Robin had aspirations of being a veterinary surgeon from a young child, with strong interests in biology and the natural world. Originally planning to be large animal practitioner, Robin enrolled as a student at the Royal Veterinary College.
As a vet student Robin was somewhat atypical, finding the preclinical courses on physiology and biochemistry especially enjoyable. From this he developed a particular interest in the physiology of the nervous system, securing funding from his local authority for an extra year to complete a series of courses in neuroscience as part of an intercalated BSc in physiology at University College London. Upon completing this year Robin returned to the RVC to complete his clinical training in veterinary medicine and qualify as a vet.
After qualifying in 1988, Professor Franklin attended Cambridge Vet School to complete a PhD in neuroscience with Bill Blakemore. Robin completed his PhD in 1991 followed by a postdoctoral fellowship, where he continued to work on the mechanisms by which the central nervous system (the CNS) attempts to repair itself after injury. Whilst this work was all laboratory based, Robin maintained a parallel interest and involvement in veterinary neurology and in 1994 obtained a further fellowship from the Wellcome Trust to establish his own research group. This then led to a lectureship, and eventually in 2005 to the award of a personal professorship in neuroscience.
As a consequence his work on the fundamental biology of brain cells and regeneration increasing, Robin’s direct involvement in veterinary medicine decreased. This involvement in veterinary medicine was reignited however when Robin teamed up with Nick Jeffery, an academic veterinary neurologist with a particular interest in spinal cord injury in dogs. The pair’s work focused on a cell Professor Franklin had been studying since the mid-1990s, a specialised form of cell from the nose called an olfactory ensheathing cell that has properties which encourage nerve regrowth after spinal cord injury.

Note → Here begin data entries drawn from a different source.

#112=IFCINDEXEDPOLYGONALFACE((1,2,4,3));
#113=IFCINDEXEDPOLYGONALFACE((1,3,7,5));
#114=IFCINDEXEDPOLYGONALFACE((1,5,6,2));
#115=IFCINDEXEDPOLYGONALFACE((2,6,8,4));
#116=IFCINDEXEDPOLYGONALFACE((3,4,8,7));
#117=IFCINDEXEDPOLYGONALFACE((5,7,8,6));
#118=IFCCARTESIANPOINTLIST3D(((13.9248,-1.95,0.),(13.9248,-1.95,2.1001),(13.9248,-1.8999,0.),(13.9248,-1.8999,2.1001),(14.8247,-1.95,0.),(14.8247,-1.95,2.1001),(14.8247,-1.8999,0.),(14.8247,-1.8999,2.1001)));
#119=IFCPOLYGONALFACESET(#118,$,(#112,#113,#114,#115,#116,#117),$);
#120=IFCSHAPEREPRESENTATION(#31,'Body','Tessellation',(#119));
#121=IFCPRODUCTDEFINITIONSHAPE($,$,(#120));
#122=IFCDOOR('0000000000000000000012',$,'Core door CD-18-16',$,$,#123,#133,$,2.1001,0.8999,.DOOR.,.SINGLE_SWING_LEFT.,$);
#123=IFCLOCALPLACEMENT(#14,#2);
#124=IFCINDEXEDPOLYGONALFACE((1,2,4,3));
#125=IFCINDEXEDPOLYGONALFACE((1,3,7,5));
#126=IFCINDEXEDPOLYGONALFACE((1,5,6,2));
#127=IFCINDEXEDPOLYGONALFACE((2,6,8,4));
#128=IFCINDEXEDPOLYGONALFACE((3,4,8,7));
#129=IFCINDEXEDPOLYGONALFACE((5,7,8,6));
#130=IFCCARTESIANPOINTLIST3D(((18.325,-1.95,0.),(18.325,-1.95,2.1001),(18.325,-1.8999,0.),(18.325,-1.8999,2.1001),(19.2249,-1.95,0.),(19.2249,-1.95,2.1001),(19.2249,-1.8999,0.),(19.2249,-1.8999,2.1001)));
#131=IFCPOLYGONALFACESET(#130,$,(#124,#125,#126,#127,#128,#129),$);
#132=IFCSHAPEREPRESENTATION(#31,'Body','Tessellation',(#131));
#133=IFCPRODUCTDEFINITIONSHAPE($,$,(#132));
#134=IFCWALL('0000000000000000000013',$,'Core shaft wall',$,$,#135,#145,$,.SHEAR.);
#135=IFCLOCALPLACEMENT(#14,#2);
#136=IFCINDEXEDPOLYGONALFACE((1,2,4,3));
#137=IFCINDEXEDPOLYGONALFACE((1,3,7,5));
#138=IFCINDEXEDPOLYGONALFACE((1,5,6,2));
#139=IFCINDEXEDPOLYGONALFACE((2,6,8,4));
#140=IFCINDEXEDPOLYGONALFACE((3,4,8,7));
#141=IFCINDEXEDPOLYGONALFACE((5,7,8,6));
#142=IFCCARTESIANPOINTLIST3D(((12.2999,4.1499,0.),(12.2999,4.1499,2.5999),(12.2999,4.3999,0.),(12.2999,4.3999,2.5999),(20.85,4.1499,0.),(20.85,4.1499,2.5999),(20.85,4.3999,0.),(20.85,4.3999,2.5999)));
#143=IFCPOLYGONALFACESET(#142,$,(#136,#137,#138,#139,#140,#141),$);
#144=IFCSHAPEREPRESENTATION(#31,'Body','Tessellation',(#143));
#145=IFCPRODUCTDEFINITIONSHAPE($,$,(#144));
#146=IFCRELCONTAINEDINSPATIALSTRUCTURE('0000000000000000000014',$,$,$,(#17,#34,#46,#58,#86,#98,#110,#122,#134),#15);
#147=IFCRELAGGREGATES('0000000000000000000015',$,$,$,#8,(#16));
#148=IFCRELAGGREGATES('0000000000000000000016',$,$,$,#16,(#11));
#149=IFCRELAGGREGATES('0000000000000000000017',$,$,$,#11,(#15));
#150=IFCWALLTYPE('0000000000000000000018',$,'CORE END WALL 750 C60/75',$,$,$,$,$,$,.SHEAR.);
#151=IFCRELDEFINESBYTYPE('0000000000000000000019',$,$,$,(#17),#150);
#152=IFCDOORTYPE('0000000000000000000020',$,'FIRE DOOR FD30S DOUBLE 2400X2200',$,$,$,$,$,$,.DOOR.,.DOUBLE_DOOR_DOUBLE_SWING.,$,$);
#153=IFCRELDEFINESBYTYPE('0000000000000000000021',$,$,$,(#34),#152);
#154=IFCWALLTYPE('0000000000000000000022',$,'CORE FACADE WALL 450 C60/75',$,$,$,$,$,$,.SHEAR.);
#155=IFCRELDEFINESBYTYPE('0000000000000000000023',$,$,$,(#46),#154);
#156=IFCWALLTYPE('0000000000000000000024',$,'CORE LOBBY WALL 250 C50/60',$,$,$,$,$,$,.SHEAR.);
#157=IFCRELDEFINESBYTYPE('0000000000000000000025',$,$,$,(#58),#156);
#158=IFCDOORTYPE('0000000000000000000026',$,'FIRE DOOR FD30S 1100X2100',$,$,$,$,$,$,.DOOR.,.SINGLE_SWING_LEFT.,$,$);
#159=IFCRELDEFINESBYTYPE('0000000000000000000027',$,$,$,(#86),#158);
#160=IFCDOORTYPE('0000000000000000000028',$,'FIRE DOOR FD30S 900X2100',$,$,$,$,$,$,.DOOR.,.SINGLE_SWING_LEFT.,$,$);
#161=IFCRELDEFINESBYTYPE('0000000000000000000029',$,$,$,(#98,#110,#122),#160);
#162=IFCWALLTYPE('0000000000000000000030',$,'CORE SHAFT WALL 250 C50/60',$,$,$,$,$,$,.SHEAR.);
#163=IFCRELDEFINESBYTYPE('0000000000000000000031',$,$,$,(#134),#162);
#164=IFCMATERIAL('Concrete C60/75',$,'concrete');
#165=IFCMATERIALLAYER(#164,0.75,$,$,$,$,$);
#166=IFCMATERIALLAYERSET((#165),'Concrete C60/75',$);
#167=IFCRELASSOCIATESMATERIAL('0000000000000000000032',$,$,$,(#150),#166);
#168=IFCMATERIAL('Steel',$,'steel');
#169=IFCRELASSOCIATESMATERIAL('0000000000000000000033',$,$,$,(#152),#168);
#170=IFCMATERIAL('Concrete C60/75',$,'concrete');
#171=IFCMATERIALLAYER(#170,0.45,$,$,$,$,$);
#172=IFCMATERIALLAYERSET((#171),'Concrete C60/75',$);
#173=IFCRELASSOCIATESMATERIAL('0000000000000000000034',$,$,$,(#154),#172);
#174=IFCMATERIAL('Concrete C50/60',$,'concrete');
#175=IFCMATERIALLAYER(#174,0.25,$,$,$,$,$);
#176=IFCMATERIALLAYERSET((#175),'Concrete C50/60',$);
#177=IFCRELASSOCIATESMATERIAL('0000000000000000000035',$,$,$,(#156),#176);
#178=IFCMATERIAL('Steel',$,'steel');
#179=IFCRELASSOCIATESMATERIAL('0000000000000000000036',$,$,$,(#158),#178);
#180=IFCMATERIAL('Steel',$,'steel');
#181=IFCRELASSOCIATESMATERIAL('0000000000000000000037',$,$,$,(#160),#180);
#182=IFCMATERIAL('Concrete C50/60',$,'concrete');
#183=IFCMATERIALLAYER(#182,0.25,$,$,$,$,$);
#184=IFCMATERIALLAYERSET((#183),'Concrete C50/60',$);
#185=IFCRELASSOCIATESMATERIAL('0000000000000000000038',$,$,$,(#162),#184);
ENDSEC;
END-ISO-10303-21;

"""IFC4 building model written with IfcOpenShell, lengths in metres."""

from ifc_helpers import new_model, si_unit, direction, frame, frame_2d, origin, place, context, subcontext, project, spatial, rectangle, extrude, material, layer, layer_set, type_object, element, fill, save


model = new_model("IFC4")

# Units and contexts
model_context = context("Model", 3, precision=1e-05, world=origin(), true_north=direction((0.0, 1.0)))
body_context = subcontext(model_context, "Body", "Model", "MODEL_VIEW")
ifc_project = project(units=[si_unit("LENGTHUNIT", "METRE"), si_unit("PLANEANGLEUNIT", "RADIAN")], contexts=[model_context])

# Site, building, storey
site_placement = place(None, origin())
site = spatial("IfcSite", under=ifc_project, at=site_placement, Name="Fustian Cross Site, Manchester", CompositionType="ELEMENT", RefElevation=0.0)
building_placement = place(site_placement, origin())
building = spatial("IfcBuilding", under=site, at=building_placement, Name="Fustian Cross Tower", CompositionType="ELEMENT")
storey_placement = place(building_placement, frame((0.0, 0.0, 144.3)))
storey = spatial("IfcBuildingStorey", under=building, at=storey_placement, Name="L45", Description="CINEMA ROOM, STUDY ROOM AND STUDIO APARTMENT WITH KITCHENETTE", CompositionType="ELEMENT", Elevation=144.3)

Nick and Robin explored whether these cells could be used to help dogs with spinal cord injury, a common neurological problem in the domestic dog population. The idea was to take these cells from an injured dog’s nose, grow them in tissue culture so that larger numbers of cells could be obtained and then transplant these cells back into the injured spinal cord of the dog from which they came. This led to a clinical trial in domestic dogs with spinal cord injury which the pair conducted together with Nicolas Granger, another academic veterinary neurologist. The work undertaken was the first ever randomised, double-blinded cell transplantation trial in clinical spinal cord injury in any species including humans.
The results of this trial were reported in November 2012 in the leading neurology journal to significant media interest. The results showed that dogs with stable chronic spinal cord injury that had lost the use of their hind legs were able to recover an impressive degree of movement. However, not all functions lost following injury were regained. This study served as evidence that autologous OEC cell therapy was efficacious in clinical spinal cord injury but also that is not a cure. In the wider arena, it has provided invaluable information of whether or not we should proceed with clinical trials in humans.
The impressive work Professor Franklin has undertaken with dogs and spinal cord injury is a small part of his wider work, most of which is centred around the biology of regenerating oligodendrocytes, the myelin forming cells of the CNS, from stem cells already present in the CNS. This has particular relevance to the human disease multiple sclerosis.
In January of this year Professor Franklin left the Cambridge University Veterinary School to join the University’s Medical School as Professor of Stem Cell Medicine and Head of Translational Science at the Wellcome Trust-MRC Cambridge Stem Cell Institute.
Speaking of receiving the International Award as part of the International Canine Health Awards, Robin said “It is huge honour to receive recognition by my profession of the work I have done towards developing new therapies for the treatment of devastating neurological diseases in dogs and other species (including humans), for which I am immensely grateful”.